Nel pomeriggio di ieri, 9 maggio 2013, presso l’Assessorato all’Agricoltura della Regione Toscana si sono incontrati il Comune di Campiglia rappresentato dal Sindaco Rossana Soffritti e l’Assessore alle Attività produttive Paolo Pedroni, la Provincia di Livorno dall’Assessore all’Agricoltura Paolo Pacini, Italian Food da Pasquale Petti, la Flai Cgil da Michele Rossi e la Uil da Federico Mambrini allo scopo di affrontare nel merito le problematiche collegate all’azienda Italiana Food. Tali soggetti esprimono comunemente la preoccupazione derivante dalla situazione che è stata evidenziata e si danno l’obiettivo della permanenza dell’azienda nel Comune di Campiglia, permettendo così lo sviluppo dell’intera filiera ad essa collegata e le risposte occupazionali conseguenti. Confermando in tal modo i contenuti del protocollo a suo tempo sottoscritto fra l’azienda e le Istituzioni, le parti hanno indicato i comuni impegni di seguito elencati:
1. Ricerca di un rapporto con la grande distribuzione organizzata toscana tale da permettere un’ ulteriore valorizzazione del pomodoro di origine regionale.

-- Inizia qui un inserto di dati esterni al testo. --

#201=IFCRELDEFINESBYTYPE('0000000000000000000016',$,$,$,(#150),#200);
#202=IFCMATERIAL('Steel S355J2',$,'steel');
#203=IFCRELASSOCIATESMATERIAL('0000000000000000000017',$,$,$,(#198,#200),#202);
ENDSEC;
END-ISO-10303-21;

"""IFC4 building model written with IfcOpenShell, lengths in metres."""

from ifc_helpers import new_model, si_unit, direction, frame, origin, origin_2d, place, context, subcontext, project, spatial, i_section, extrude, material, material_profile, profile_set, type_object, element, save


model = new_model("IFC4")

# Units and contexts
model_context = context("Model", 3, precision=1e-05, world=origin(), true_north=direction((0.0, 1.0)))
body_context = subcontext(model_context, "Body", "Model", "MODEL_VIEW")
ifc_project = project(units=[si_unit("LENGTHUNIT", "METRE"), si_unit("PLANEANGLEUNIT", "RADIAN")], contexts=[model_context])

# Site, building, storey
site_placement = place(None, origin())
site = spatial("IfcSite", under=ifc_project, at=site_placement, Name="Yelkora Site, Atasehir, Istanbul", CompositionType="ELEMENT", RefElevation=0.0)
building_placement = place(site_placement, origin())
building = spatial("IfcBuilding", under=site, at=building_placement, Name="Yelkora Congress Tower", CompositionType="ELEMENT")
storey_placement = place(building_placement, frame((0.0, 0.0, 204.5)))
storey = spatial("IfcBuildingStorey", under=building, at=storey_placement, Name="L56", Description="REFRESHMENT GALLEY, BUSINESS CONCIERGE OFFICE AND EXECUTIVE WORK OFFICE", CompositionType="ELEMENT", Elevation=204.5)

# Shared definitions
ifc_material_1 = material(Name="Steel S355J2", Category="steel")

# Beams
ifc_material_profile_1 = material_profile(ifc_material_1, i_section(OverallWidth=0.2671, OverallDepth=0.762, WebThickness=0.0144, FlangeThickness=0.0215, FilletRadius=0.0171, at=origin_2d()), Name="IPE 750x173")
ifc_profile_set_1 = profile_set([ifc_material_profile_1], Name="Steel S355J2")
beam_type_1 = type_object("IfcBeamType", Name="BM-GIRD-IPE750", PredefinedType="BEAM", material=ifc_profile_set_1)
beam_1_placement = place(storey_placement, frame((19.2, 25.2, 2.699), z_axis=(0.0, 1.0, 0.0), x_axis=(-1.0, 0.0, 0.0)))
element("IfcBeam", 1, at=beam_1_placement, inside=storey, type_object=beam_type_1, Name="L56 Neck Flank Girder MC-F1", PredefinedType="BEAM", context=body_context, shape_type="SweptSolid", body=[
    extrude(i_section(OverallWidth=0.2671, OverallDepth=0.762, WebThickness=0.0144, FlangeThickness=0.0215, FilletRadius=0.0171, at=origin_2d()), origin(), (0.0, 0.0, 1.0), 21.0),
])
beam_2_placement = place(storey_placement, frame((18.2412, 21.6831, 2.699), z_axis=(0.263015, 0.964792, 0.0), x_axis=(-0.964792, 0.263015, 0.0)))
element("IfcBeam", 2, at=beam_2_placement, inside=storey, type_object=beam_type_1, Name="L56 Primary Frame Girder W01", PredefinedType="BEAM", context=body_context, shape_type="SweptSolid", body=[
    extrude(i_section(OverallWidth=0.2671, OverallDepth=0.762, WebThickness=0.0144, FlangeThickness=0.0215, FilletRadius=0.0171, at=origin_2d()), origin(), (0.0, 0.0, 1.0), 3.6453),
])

2. Approfondimento con il sistema bancario toscano delle condizioni esistenti che permettano a Italian Food di rispondere alla esigenze di mercato.
3. Avvio del percorso che porti a collocare Italian Food all’interno del distretto del pomodoro area centro nord
4. Immediata richiesta di confronto con il ministero dell’economia che consenta di verificare la progettualità presentata dall’azienda nel settembre 2011 e giudicata ammissibile dal ministero stesso.
5. Confronto con i produttori e con le associazioni di loro rappresentanza allo scopo di condividere la situazione esistente e procedere per la campagna 2013 .
6. Costituzione di un tavolo tecnico per la valutazione delle problematiche connesse alla depurazione dell’acque.
E’ scaturito anche l’impegno a concordare un nuovo appuntamento da effettuare entro la fine del mese di maggio allo scopo di verificare i risultati dei percorsi avviati .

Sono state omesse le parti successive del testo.